Die usbekische Jungregisseurin Saodat Ismailova geht auch beim Ton keine Kompromisse ein. Als die Großmutter mit ihren schwielig-ledrigen Händen Bibichas streichelt, durchdringt den Kinosaal lautes Schaben, das nicht aufhören will. Ismailova hält jedes Geräusch, jedes Bild so lange fest, bis jedes Detail zur Entfaltung gekommen ist, ja unerträglich wird. Bis man schier wahnsinnig wird vor Stillleben, die sich aneinander reihen, vor den Geräuschen der Berge, die nicht loslassen.

„Chilla – 40 Days of Silence“ stülpt das Nicht-entrinnen-Können, das Ausgeliefert-Sein der jungen Bibicha in Tadschikistan dem Berlinale-Besucher über. Diese Ohnmacht spielt der Film an jeder Person durch.

An der verwitweten Tante, der auch das Leben mit dem neuen Mann in der Stadt mit Handy, Popmusik und glitzerndem Lidschatten keine Freiheit gewährt. An der duldsamen Großmutter, die alleine in ihrem Häuschen sitzt und Geschichten über den Krieg anhört, die das Radio erzählt. An der kleinen Cousine, die sich als Halbwaise nicht zurechtfindet, in Übersprüngen handelt. Und an Bibicha.

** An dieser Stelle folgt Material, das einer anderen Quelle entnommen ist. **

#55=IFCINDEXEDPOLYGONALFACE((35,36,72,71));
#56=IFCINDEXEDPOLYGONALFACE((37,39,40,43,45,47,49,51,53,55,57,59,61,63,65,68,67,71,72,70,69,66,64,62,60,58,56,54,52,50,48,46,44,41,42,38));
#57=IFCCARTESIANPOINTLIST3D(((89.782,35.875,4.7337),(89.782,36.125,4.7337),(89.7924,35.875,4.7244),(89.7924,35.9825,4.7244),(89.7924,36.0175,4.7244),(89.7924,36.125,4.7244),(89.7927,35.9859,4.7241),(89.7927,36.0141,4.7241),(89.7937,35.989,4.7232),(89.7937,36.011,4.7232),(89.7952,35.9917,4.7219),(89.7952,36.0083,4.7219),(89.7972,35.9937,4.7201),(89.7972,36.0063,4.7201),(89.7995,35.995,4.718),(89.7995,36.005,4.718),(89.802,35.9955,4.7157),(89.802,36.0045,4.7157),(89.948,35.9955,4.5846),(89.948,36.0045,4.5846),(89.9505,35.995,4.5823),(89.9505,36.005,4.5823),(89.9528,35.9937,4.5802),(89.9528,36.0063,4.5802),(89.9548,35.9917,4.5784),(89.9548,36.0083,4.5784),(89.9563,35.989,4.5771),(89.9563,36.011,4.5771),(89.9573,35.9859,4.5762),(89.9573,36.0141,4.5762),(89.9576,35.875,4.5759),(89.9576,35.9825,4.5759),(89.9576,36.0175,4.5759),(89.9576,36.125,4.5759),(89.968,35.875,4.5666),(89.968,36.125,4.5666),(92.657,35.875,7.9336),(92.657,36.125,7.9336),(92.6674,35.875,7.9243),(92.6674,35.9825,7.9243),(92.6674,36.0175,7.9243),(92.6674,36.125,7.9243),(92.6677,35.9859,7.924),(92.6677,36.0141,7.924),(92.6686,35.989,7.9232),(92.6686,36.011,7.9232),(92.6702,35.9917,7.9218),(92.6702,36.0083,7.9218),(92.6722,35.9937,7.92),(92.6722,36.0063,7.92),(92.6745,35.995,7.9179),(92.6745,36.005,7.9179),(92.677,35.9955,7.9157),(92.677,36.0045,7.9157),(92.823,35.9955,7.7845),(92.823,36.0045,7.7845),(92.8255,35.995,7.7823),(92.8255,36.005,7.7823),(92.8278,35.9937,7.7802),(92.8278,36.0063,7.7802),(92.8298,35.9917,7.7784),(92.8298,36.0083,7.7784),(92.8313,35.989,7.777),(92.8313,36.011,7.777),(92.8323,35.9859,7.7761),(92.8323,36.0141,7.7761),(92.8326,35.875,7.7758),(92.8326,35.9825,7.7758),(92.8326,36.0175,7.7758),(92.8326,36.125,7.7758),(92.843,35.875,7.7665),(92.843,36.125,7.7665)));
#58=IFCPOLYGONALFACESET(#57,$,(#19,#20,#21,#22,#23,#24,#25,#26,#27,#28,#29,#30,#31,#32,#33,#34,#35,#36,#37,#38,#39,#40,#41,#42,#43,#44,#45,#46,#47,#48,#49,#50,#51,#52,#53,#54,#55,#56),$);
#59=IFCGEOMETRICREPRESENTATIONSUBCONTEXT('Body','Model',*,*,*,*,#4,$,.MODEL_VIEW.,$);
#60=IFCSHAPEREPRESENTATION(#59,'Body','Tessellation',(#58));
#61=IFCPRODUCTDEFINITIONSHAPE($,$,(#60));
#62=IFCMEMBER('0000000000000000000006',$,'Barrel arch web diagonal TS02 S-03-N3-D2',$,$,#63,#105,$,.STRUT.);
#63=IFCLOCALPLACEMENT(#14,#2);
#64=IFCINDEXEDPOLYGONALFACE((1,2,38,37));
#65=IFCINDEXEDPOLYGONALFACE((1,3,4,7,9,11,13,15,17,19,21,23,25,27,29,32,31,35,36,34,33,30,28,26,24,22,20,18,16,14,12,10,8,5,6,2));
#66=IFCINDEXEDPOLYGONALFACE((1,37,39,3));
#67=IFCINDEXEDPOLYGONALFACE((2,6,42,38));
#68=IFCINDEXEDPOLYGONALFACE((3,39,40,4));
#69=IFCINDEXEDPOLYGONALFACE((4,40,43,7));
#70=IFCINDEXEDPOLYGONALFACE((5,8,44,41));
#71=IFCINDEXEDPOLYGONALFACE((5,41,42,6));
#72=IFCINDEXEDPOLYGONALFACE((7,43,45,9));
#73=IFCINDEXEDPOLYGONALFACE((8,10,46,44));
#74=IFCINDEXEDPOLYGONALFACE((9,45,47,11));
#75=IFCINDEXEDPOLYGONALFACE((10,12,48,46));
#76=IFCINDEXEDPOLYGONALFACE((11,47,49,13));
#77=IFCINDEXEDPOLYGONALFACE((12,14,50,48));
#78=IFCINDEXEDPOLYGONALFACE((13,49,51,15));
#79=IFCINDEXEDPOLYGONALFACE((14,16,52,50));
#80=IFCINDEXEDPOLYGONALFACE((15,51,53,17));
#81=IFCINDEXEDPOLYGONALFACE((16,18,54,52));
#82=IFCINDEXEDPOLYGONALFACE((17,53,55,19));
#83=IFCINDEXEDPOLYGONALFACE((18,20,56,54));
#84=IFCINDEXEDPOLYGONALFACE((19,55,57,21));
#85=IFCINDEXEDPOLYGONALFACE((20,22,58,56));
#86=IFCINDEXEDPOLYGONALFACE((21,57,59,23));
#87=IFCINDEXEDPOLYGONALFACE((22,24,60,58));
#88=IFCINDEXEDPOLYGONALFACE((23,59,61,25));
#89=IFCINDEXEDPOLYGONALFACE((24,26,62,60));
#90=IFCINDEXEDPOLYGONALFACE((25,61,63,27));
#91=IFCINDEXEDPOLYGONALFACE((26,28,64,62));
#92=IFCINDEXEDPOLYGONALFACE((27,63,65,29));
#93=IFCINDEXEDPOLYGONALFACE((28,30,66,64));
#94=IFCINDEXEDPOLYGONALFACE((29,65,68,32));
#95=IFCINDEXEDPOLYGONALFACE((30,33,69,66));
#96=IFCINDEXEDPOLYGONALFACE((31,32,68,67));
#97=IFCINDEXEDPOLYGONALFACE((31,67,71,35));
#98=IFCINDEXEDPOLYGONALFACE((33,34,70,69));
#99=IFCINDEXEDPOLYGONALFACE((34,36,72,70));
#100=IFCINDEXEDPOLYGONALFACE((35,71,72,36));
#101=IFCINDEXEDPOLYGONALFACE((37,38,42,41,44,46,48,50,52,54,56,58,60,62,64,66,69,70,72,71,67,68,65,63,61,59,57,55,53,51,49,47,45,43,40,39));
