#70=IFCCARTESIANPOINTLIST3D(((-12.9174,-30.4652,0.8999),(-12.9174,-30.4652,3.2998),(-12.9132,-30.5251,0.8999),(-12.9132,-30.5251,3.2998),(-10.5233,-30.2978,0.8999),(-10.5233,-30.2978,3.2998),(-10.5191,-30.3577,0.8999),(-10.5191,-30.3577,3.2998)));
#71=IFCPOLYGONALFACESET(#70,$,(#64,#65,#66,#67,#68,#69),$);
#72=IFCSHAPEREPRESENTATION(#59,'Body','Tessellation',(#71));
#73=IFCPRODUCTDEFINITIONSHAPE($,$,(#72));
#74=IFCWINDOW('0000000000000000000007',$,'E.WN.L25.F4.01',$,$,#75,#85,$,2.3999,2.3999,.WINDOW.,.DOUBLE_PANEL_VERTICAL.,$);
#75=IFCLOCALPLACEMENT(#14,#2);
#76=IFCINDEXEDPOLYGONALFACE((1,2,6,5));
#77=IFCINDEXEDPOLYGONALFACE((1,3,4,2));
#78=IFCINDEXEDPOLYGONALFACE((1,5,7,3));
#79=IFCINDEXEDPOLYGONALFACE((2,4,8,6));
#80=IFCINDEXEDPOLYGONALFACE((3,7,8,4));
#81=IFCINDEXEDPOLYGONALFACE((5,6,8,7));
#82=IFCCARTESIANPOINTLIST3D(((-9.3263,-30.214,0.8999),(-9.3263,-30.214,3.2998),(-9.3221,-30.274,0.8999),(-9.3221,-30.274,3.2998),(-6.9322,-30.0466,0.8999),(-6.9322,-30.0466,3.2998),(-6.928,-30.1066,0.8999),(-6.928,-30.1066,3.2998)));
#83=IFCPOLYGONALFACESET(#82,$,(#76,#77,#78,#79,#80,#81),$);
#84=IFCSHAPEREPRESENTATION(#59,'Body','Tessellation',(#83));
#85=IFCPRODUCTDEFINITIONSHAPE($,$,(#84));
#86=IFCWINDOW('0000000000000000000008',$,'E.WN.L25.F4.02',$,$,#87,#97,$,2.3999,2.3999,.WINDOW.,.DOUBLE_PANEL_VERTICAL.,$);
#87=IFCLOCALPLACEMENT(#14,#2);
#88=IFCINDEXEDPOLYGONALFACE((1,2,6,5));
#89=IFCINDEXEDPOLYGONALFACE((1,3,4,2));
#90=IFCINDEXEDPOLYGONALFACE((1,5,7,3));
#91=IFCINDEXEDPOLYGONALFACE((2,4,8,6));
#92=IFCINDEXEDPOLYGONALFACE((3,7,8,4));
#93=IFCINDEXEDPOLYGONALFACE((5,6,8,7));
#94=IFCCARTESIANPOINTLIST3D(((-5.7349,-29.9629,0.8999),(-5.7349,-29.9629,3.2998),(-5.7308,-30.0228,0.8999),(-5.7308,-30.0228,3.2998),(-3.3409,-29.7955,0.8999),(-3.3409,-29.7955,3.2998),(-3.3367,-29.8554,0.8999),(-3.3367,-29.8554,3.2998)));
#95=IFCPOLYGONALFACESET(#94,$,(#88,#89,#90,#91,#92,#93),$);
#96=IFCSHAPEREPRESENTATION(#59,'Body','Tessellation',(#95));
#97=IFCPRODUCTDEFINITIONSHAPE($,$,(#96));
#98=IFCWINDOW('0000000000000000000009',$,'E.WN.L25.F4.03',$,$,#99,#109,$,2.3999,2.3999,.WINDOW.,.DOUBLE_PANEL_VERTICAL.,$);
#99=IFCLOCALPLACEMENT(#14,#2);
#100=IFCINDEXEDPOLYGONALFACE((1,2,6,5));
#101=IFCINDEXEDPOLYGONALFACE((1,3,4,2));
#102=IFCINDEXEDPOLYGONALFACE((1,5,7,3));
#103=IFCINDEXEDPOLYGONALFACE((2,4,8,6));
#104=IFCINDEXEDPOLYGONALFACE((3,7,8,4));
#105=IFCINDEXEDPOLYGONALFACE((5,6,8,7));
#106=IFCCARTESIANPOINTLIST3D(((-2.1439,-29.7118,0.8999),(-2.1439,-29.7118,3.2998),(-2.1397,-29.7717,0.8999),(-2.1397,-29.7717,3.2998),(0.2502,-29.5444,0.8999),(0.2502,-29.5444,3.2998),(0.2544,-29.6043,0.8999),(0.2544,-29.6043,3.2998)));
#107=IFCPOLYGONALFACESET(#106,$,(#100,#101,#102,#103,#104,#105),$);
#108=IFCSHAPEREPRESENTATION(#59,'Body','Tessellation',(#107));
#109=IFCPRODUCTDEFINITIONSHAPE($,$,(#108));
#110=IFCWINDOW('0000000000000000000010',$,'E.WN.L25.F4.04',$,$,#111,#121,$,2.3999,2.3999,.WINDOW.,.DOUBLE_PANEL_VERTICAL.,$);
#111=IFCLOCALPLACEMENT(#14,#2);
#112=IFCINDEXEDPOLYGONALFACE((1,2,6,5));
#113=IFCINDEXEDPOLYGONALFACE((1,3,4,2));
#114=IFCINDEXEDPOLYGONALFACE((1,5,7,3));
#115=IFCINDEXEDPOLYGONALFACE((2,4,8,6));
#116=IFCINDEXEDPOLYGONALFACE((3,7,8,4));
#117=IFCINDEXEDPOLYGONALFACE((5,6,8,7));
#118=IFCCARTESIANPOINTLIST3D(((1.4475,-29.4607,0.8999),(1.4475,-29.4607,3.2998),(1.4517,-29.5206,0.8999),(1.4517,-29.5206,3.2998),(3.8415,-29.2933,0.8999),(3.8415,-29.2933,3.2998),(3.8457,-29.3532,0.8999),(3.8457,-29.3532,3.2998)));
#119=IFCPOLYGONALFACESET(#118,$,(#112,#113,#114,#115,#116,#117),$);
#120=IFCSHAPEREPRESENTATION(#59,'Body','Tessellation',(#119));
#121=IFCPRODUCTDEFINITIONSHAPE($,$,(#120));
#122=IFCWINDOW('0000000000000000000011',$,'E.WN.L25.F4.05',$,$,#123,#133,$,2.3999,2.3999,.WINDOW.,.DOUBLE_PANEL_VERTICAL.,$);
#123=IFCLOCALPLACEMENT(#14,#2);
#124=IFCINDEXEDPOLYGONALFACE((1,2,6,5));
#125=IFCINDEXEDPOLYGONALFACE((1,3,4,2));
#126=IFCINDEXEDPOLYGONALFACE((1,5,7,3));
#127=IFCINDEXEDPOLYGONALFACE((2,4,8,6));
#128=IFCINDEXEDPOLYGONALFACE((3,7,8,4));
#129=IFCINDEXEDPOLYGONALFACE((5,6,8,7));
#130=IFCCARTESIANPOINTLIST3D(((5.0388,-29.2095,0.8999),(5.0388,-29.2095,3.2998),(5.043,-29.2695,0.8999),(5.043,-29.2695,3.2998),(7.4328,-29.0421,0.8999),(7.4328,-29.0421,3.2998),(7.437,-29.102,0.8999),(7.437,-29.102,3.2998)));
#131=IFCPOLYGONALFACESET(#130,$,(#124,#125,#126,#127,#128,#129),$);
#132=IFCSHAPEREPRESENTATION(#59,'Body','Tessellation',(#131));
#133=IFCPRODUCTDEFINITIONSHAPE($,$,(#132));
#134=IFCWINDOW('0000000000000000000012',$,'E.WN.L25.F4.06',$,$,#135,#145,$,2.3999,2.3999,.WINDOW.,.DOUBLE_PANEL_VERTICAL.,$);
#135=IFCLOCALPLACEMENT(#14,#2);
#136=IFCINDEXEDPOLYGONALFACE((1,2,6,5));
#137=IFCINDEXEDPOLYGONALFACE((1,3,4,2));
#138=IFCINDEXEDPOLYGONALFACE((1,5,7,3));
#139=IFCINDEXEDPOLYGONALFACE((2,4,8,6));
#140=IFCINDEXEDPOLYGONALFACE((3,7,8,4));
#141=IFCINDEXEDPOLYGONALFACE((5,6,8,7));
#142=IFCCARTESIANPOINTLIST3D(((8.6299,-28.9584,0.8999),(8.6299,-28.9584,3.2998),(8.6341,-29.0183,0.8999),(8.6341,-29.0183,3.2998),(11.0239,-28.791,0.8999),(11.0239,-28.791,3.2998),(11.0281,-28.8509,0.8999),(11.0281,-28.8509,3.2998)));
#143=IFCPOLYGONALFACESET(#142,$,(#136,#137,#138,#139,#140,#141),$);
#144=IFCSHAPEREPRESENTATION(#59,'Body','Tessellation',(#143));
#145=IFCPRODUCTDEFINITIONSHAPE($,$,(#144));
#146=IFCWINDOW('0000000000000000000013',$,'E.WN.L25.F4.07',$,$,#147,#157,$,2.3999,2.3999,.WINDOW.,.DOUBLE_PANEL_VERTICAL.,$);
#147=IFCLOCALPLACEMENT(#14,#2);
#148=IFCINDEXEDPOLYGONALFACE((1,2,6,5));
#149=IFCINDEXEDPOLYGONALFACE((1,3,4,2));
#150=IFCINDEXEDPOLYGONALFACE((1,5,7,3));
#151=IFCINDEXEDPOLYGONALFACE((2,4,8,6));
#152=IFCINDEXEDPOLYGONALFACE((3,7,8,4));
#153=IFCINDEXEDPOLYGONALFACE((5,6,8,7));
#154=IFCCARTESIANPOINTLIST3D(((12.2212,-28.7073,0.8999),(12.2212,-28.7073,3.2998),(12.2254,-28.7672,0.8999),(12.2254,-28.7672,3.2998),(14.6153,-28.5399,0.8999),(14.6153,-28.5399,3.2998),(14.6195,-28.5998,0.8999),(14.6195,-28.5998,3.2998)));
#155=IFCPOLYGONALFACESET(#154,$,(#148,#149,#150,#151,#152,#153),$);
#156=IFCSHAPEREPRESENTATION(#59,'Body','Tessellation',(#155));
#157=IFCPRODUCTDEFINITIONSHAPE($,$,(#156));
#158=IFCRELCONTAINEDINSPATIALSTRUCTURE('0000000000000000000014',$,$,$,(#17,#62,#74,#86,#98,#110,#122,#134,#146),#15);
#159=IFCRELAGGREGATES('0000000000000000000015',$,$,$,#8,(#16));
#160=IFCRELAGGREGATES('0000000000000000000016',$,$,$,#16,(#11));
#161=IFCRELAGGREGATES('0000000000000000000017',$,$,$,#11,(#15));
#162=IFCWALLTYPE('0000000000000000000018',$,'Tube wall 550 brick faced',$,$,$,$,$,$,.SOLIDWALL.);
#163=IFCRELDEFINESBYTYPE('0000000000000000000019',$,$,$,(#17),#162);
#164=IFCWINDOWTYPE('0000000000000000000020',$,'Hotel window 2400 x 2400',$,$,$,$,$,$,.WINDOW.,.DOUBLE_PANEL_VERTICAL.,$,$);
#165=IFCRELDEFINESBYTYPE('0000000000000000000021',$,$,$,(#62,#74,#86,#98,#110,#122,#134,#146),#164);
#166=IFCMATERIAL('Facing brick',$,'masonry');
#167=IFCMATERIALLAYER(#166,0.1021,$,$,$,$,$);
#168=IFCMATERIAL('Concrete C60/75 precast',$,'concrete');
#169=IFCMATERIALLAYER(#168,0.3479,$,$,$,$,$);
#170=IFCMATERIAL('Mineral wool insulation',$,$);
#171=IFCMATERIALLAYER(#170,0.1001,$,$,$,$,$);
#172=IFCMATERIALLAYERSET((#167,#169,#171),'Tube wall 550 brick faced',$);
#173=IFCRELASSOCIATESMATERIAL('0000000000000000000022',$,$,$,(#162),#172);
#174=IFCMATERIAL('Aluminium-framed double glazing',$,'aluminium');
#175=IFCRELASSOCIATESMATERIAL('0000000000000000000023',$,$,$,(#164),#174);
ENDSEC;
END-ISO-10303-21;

In der aufgezwungenen Stille driftet sie von der Trauer in geisterhafte Halbwelten. Sie ist gefangen in ihrem Schweigen, in dieser Bergwelt. Ganz ähnlich hat sich Nicole Kidman vor elf Jahren im theatralischen „Dogville“ in der Ausweglosigkeit verfangen.  

Als dann etwa in der Mitte des Filmes eine wirre, kaleidoskopische Szene aus bunten, herumwirbelnden Kleidern und zerrenden Männerhänden die unkonkrete Bedrückung Bibichas als Vergewaltigung ausweist, zeigt sich, dass Ismailova das Drehbuch nicht geschrie-ben hat, sondern geschrie-en: Der Film ist ein stiller Aufschrei.

Ein Aufschrei gegen die Nachwehen der sowjetischen Okkupation, die als russisches Kalenderblatt an der spröden Wand haftet. Ein Aufschrei gegen die Männer, die in dem Film zwar nur zwei Mal von weitem gefilmt werden, aber deren Macht in der Ohnmacht der Frauen den ganzen Film über so präsent ist. Das Patriachat obsiegt.

Doch Soadat Ismailova hinterlässt ein kleines politisches Zeichen, eine Hoffnung. Sie hat als Usbekin nicht umsonst die Handlung im laut usbekischer Staatsdoktrin feindlichen Tadschikistan spielen lassen. Es ist die Botschaft, dass die Solidarität zwischen den entrechteten Frauen keine Grenzen kennt.